Seems like the show relies on the kindness of strangers and that still exists,
even in a smartphone world.

------
rtpg
I don't get it. These "pranks" are all just slightly silly, but not completely
absurd.

For those behind a paywall, this is about Candid Camera, and some newer
material they're trying. Among which :

\- Postman telling people their mail will be delivered by drone (With a drone
coming by dropping it off)

\- People getting told that they'll be charged $10 "in store fee" for not
buying online

\- People being asked for 3 forms of photo ID to pay by credit card

\- hired a cop to enforce a “2 m.p.h. pedestrian speed limit.”

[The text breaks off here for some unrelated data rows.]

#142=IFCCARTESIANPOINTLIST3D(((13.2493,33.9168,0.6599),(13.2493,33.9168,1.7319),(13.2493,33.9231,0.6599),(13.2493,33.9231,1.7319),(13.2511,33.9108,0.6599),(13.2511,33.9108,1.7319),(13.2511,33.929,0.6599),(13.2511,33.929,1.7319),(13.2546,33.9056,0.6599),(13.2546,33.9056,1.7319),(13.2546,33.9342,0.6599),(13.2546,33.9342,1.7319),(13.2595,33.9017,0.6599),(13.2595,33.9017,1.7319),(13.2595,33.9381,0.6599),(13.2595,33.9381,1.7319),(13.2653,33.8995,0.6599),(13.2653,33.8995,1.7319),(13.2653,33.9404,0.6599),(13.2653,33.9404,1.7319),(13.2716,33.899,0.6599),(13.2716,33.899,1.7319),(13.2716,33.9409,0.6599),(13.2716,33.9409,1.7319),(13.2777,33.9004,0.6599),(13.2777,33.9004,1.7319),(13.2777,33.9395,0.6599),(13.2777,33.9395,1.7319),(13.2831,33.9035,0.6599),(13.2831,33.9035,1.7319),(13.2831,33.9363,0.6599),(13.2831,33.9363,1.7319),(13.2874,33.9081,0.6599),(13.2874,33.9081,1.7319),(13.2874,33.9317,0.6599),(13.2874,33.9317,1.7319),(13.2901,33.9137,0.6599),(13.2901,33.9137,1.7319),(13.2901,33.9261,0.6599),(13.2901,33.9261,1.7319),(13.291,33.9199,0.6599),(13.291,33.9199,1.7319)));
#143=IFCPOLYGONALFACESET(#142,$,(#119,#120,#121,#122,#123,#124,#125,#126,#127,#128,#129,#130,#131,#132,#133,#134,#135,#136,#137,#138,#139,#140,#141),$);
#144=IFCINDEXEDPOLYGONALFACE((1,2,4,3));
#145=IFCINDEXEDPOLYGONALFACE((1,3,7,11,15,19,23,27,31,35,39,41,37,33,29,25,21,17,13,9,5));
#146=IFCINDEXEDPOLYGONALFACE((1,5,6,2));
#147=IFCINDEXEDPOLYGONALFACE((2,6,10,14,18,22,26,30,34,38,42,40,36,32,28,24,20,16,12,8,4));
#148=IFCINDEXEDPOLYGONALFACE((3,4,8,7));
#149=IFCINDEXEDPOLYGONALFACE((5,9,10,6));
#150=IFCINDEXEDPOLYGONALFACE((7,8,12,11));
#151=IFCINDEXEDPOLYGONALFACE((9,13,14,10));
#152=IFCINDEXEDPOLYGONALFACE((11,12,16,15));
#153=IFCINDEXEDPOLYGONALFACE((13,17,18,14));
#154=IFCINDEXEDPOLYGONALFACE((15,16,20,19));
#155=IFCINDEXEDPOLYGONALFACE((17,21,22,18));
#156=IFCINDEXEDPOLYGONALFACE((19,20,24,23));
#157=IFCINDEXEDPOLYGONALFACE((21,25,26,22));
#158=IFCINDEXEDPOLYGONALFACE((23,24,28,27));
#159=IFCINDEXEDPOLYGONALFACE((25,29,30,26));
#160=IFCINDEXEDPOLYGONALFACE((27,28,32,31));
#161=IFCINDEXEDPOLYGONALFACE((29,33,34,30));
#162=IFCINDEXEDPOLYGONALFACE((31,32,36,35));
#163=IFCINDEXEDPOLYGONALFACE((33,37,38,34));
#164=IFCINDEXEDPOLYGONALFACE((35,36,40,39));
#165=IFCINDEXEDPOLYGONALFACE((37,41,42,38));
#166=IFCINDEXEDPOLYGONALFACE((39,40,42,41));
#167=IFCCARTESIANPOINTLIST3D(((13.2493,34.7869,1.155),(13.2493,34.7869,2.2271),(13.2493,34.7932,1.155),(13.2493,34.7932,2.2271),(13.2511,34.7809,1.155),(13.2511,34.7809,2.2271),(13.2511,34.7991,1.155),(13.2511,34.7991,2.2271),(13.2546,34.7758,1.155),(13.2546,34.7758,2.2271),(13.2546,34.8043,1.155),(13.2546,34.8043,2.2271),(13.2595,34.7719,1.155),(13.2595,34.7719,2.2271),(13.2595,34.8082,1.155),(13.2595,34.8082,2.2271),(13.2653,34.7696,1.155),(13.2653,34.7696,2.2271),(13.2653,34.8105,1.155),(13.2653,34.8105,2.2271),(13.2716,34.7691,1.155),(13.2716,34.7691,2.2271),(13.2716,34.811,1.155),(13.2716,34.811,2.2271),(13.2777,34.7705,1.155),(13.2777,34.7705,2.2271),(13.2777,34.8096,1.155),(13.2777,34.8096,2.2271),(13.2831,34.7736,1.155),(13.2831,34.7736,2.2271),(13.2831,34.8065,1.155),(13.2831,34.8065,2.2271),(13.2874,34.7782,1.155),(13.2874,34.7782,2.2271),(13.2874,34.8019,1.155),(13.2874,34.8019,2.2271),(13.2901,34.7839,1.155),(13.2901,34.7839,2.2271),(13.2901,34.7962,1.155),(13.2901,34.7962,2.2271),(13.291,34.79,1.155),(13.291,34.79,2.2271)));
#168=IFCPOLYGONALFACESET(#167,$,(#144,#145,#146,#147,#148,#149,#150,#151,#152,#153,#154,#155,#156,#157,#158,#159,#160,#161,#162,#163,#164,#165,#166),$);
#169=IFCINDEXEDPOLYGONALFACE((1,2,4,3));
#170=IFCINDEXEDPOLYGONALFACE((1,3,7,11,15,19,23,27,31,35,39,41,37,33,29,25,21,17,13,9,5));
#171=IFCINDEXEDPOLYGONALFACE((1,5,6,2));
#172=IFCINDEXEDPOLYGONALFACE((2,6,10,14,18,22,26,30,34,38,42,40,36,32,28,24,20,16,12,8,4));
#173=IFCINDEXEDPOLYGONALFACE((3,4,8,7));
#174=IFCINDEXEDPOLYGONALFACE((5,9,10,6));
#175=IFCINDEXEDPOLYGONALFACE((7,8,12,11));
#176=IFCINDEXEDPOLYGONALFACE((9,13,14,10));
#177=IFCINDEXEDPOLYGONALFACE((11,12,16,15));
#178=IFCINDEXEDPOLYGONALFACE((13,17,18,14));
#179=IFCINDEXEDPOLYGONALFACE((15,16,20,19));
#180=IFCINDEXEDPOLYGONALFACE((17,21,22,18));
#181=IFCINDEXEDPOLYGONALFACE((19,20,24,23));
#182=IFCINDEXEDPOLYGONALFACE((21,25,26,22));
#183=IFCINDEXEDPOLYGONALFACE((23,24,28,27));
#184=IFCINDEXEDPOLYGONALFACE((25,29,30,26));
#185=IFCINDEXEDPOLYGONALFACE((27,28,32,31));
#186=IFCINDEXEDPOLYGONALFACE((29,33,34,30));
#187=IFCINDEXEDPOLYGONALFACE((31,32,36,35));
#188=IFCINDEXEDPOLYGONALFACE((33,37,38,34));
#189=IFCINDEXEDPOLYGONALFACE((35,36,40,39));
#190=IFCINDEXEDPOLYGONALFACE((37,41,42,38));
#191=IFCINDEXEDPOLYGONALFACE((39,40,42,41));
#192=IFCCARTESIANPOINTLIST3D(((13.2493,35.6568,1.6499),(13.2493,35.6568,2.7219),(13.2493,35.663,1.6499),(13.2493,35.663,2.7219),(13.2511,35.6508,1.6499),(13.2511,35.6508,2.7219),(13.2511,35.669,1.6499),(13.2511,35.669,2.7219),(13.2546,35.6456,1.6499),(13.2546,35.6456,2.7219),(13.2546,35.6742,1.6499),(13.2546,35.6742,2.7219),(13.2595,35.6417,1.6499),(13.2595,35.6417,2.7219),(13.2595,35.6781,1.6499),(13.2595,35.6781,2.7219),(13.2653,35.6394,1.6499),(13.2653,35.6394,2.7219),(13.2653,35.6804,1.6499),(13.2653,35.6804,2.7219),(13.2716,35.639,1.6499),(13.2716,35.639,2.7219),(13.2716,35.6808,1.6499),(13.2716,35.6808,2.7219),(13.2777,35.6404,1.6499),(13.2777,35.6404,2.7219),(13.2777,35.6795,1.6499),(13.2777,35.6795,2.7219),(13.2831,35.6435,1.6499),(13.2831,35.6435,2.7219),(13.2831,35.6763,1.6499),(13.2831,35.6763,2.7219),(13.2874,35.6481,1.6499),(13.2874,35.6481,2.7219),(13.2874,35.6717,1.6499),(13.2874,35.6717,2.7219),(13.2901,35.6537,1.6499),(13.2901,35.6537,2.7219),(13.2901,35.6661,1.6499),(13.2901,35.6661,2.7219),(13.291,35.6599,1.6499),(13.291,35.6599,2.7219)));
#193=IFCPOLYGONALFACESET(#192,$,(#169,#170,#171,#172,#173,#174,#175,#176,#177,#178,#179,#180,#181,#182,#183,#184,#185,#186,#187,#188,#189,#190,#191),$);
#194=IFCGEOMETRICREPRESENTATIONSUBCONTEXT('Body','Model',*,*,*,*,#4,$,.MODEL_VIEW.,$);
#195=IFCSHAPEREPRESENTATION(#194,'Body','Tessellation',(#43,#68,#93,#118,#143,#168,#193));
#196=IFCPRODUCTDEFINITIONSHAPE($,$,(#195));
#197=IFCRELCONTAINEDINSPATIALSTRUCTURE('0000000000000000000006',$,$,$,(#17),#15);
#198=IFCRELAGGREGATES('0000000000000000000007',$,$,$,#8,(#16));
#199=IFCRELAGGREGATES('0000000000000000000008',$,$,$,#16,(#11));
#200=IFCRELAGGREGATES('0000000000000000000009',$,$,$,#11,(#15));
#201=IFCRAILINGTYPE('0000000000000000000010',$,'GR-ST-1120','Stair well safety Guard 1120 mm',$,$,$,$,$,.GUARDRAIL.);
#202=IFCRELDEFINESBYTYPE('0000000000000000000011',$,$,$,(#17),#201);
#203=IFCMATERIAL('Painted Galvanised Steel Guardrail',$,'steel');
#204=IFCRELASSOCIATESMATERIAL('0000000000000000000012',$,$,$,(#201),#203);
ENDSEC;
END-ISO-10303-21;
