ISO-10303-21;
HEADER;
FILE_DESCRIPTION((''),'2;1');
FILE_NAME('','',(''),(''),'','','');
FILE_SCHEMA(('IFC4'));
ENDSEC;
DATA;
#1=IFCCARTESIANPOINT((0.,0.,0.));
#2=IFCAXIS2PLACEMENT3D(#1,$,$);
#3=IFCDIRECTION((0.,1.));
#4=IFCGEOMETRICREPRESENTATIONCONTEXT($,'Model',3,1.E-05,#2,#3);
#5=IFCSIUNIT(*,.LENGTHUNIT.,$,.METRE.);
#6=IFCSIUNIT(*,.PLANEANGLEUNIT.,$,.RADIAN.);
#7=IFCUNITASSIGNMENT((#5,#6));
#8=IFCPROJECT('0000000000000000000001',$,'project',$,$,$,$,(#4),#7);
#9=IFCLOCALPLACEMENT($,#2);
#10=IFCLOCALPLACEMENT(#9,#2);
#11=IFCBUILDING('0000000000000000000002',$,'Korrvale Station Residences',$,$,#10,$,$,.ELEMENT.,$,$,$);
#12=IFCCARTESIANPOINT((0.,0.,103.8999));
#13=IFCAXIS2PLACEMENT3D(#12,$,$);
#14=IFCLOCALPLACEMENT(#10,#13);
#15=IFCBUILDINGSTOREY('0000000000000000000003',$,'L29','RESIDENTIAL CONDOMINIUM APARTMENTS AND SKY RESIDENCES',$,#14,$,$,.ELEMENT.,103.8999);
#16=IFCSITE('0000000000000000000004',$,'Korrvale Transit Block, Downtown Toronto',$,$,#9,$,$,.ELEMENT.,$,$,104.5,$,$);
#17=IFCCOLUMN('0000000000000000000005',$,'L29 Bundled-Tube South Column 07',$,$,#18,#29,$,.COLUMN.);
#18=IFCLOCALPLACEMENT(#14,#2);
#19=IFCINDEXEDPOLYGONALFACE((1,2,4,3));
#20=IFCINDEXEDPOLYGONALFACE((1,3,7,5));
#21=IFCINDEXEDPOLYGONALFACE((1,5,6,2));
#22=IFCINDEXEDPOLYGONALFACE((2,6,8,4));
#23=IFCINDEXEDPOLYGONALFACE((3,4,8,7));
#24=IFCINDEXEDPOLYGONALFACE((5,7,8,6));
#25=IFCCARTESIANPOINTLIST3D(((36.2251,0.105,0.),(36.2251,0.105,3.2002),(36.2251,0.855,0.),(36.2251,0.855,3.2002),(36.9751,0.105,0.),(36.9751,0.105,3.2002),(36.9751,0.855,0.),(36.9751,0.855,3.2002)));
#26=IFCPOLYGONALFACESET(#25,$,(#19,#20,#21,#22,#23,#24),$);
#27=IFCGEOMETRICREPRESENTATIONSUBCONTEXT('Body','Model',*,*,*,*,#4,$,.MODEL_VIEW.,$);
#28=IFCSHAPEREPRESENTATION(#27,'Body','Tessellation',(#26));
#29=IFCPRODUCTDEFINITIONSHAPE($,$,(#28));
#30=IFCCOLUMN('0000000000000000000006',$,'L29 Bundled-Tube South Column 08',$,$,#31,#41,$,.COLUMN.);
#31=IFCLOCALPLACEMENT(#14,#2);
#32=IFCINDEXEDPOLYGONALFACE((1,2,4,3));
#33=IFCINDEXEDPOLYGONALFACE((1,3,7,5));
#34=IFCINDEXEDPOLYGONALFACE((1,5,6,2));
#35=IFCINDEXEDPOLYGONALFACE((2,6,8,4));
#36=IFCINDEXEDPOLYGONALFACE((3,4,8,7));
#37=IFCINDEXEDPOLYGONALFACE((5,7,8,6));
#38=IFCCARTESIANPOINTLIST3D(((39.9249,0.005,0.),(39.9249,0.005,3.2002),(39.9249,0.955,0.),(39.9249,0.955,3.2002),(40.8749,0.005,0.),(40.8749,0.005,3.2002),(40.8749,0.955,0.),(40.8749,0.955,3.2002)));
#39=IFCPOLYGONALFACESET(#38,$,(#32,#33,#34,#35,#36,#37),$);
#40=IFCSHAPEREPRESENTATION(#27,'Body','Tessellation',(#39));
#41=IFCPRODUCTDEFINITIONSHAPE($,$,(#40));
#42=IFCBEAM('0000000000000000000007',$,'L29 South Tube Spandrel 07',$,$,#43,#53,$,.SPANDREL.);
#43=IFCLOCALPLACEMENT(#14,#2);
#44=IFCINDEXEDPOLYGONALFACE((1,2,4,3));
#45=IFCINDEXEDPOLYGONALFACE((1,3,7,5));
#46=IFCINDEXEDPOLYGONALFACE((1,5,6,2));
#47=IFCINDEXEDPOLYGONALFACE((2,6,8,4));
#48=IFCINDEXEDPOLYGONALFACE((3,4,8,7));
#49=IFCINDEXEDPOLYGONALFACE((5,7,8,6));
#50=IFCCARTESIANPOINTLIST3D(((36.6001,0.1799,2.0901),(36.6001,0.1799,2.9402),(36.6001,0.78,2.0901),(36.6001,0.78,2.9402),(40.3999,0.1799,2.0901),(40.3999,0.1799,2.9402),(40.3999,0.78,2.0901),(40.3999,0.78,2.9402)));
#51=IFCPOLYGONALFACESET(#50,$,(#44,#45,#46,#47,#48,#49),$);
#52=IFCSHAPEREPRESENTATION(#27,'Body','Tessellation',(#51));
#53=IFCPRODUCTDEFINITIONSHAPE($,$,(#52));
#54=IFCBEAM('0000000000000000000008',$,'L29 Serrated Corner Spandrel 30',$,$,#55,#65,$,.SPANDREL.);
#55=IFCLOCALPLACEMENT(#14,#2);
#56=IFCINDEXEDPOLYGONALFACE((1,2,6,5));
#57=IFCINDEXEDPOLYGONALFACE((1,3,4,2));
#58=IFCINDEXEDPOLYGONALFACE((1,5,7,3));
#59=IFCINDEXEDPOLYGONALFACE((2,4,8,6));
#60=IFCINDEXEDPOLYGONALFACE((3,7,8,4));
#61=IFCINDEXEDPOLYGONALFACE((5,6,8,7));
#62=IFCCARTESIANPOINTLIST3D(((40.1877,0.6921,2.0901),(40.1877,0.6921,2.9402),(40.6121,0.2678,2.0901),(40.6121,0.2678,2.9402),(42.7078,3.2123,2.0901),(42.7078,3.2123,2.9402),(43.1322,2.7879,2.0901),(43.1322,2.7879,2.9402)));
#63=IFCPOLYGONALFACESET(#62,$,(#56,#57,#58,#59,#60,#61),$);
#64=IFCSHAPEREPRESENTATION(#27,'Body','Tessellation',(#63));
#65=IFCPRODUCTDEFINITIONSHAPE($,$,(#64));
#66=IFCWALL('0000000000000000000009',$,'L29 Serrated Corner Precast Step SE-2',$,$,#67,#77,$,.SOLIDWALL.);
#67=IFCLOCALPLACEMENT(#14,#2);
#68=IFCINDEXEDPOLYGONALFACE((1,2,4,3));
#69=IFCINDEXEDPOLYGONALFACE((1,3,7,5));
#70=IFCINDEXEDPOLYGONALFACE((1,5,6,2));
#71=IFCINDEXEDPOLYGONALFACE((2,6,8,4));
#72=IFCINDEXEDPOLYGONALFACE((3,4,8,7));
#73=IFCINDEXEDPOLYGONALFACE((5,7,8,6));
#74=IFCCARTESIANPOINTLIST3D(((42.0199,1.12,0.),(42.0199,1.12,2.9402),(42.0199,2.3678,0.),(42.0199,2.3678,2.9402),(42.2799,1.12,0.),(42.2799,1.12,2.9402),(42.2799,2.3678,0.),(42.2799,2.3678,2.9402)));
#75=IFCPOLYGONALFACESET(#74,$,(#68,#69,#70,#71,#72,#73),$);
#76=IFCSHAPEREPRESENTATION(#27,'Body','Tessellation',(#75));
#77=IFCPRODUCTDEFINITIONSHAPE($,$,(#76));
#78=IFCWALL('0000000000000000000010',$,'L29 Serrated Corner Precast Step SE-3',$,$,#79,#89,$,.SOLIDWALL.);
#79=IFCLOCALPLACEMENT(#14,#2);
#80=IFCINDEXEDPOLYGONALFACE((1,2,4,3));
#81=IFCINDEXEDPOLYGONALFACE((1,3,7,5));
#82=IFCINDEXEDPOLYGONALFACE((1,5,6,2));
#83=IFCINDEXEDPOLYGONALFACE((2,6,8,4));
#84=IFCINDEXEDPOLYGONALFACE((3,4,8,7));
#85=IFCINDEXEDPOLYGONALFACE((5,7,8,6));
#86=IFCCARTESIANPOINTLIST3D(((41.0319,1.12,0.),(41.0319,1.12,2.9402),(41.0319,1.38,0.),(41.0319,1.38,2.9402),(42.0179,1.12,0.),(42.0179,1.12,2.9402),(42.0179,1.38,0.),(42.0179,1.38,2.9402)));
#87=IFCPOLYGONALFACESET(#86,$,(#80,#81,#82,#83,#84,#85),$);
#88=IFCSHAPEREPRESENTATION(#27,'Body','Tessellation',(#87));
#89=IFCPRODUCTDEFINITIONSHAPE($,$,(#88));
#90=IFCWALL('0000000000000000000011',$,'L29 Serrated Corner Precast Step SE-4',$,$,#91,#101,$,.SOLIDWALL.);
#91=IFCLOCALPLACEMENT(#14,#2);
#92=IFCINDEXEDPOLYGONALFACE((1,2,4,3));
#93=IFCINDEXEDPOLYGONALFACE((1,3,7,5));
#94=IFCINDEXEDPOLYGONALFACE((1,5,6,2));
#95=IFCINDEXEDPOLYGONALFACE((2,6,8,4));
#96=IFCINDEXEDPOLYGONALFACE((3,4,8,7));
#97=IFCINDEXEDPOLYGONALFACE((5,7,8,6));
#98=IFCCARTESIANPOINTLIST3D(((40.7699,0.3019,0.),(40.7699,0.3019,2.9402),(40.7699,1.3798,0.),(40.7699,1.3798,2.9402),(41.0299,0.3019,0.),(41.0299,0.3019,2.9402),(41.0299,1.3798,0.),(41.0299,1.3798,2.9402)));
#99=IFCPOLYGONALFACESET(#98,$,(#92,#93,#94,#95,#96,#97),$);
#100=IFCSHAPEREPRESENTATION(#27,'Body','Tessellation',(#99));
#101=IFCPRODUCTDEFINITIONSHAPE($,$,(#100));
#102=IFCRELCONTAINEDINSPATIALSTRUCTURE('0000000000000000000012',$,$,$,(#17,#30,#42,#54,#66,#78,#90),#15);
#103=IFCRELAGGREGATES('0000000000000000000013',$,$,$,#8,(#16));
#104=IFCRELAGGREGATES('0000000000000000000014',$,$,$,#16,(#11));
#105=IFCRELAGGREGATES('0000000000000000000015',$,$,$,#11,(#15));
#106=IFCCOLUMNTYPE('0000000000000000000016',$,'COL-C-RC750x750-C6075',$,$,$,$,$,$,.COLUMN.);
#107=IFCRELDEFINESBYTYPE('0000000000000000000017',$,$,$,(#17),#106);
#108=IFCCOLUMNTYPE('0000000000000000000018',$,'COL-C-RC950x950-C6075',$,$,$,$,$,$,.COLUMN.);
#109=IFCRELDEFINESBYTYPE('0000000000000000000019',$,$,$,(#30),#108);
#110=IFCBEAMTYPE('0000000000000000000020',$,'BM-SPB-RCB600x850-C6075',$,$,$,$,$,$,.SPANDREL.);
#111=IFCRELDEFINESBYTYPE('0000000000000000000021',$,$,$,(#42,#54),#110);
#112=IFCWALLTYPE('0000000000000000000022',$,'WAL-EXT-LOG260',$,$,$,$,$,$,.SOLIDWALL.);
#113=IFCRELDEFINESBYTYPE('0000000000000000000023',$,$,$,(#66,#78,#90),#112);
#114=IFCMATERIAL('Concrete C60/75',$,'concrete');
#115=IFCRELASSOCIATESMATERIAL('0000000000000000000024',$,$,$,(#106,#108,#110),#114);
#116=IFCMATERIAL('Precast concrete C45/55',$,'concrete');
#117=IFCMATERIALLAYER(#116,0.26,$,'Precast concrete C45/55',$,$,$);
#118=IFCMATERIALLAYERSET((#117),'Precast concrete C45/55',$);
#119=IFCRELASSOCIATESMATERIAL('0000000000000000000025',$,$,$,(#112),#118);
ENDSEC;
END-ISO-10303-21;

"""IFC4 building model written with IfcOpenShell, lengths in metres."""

from ifc_helpers import new_model, si_unit, direction, frame, frame_2d, origin, origin_2d, place, context, subcontext, project, spatial, rectangle, extrude, material, layer, layer_set, material_profile, profile_set, type_object, element, save


model = new_model("IFC4")

# Units and contexts
model_context = context("Model", 3, precision=1e-05, world=origin(), true_north=direction((0.0, 1.0)))
body_context = subcontext(model_context, "Body", "Model", "MODEL_VIEW")
ifc_project = project(units=[si_unit("LENGTHUNIT", "METRE"), si_unit("PLANEANGLEUNIT", "RADIAN")], contexts=[model_context])

# Site, building, storey
site_placement = place(None, origin())
site = spatial("IfcSite", under=ifc_project, at=site_placement, Name="Korrvale Transit Block, Downtown Toronto", CompositionType="ELEMENT", RefElevation=104.5)
building_placement = place(site_placement, origin())
building = spatial("IfcBuilding", under=site, at=building_placement, Name="Korrvale Station Residences", CompositionType="ELEMENT")
storey_placement = place(building_placement, frame((0.0, 0.0, 103.8999)))
storey = spatial("IfcBuildingStorey", under=building, at=storey_placement, Name="L29", Description="RESIDENTIAL CONDOMINIUM APARTMENTS AND SKY RESIDENCES", CompositionType="ELEMENT", Elevation=103.8999)

# Columns
ifc_material_1 = material(Name="Concrete C60/75", Category="concrete")
ifc_material_profile_1 = material_profile(ifc_material_1, rectangle(XDim=0.75, YDim=0.75, at=origin_2d()), Name="RC750x750")
ifc_profile_set_1 = profile_set([ifc_material_profile_1], Name="Concrete C60/75")
column_type_1 = type_object("IfcColumnType", Name="COL-C-RC750x750-C6075", PredefinedType="COLUMN", material=ifc_profile_set_1)
column_1_placement = place(storey_placement, frame((36.6001, 0.48, 0.0), z_axis=(0.0, 0.0, 1.0), x_axis=(1.0, 0.0, 0.0)))
element("IfcColumn", 1, at=column_1_placement, inside=storey, type_object=column_type_1, Name="L29 Bundled-Tube South Column 07", PredefinedType="COLUMN", context=body_context, shape_type="SweptSolid", body=[
    extrude(rectangle(XDim=0.75, YDim=0.75, at=origin_2d()), origin(), (0.0, 0.0, 1.0), 3.2002),
])
ifc_material_profile_2 = material_profile(ifc_material_1, rectangle(XDim=0.95, YDim=0.95, at=origin_2d()), Name="RC950x950")
ifc_profile_set_2 = profile_set([ifc_material_profile_2], Name="Concrete C60/75")
column_type_2 = type_object("IfcColumnType", Name="COL-C-RC950x950-C6075", PredefinedType="COLUMN", material=ifc_profile_set_2)
column_2_placement = place(storey_placement, frame((40.3999, 0.48, 0.0), z_axis=(0.0, 0.0, 1.0), x_axis=(1.0, 0.0, 0.0)))
element("IfcColumn", 2, at=column_2_placement, inside=storey, type_object=column_type_2, Name="L29 Bundled-Tube South Column 08", PredefinedType="COLUMN", context=body_context, shape_type="SweptSolid", body=[
    extrude(rectangle(XDim=0.95, YDim=0.95, at=origin_2d()), origin(), (0.0, 0.0, 1.0), 3.2002),
])

# Beams
ifc_material_profile_3 = material_profile(ifc_material_1, rectangle(XDim=0.6001, YDim=0.8501, at=origin_2d()), Name="RCB600x850")
ifc_profile_set_3 = profile_set([ifc_material_profile_3], Name="Concrete C60/75")
beam_type = type_object("IfcBeamType", Name="BM-SPB-RCB600x850-C6075", PredefinedType="SPANDREL", material=ifc_profile_set_3)
beam_1_placement = place(storey_placement, frame((36.6001, 0.48, 2.5151), z_axis=(1.0, 0.0, 0.0), x_axis=(0.0, 1.0, 0.0)))
element("IfcBeam", 3, at=beam_1_placement, inside=storey, type_object=beam_type, Name="L29 South Tube Spandrel 07", PredefinedType="SPANDREL", context=body_context, shape_type="SweptSolid", body=[
    extrude(rectangle(XDim=0.6001, YDim=0.8501, at=origin_2d()), origin(), (0.0, 0.0, 1.0), 3.7998),
])
beam_2_placement = place(storey_placement, frame((40.3999, 0.48, 2.5151), z_axis=(0.707107, 0.707107, 0.0), x_axis=(-0.707107, 0.707107, 0.0)))
element("IfcBeam", 4, at=beam_2_placement, inside=storey, type_object=beam_type, Name="L29 Serrated Corner Spandrel 30", PredefinedType="SPANDREL", context=body_context, shape_type="SweptSolid", body=[
    extrude(rectangle(XDim=0.6001, YDim=0.8501, at=origin_2d()), origin(), (0.0, 0.0, 1.0), 3.564),
])

# Walls
ifc_material_2 = material(Name="Precast concrete C45/55", Category="concrete")
ifc_layer_1 = layer(ifc_material_2, 0.26, Name="Precast concrete C45/55")
ifc_layer_set_1 = layer_set([ifc_layer_1], Name="Precast concrete C45/55")
wall_type_1 = type_object("IfcWallType", Name="WAL-EXT-LOG260", PredefinedType="SOLIDWALL", material=ifc_layer_set_1)
wall_1_placement = place(storey_placement, frame((42.1499, 2.3679, 0.0), z_axis=(0.0, 0.0, 1.0), x_axis=(0.0, -1.0, 0.0)))
element("IfcWall", 5, at=wall_1_placement, inside=storey, type_object=wall_type_1, Name="L29 Serrated Corner Precast Step SE-2", PredefinedType="SOLIDWALL", context=body_context, shape_type="SweptSolid", body=[
    extrude(rectangle(XDim=1.2478, YDim=0.26, at=frame_2d((0.624, 0.0))), origin(), (0.0, 0.0, 1.0), 2.9402),
])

The political ones are a bit sillier

> We showed New Yorkers petitions to recall state officials, but the names
> were all fictitious. Most people supported the effort, among them a lawyer
> who carefully explained that one should never sign anything without complete
> knowledge of the facts, and then signed anyway.

>our actress posing as a candidate obtained dozens of campaign signatures
without ever stating a position, a party or even her last name.

The last one shows an example of "real life" bikeshedding though:

> I told residents in Queens, N.Y., that they would now be required to
> separate household trash into eight different color-coded bins. I can’t
> imagine someone being more passionate about any world controversy than the
> gentleman who was incensed about a bin devoted to “poultry waste.” “How,” he
> asked, “am I going to eat enough chicken in two weeks to fill that up?”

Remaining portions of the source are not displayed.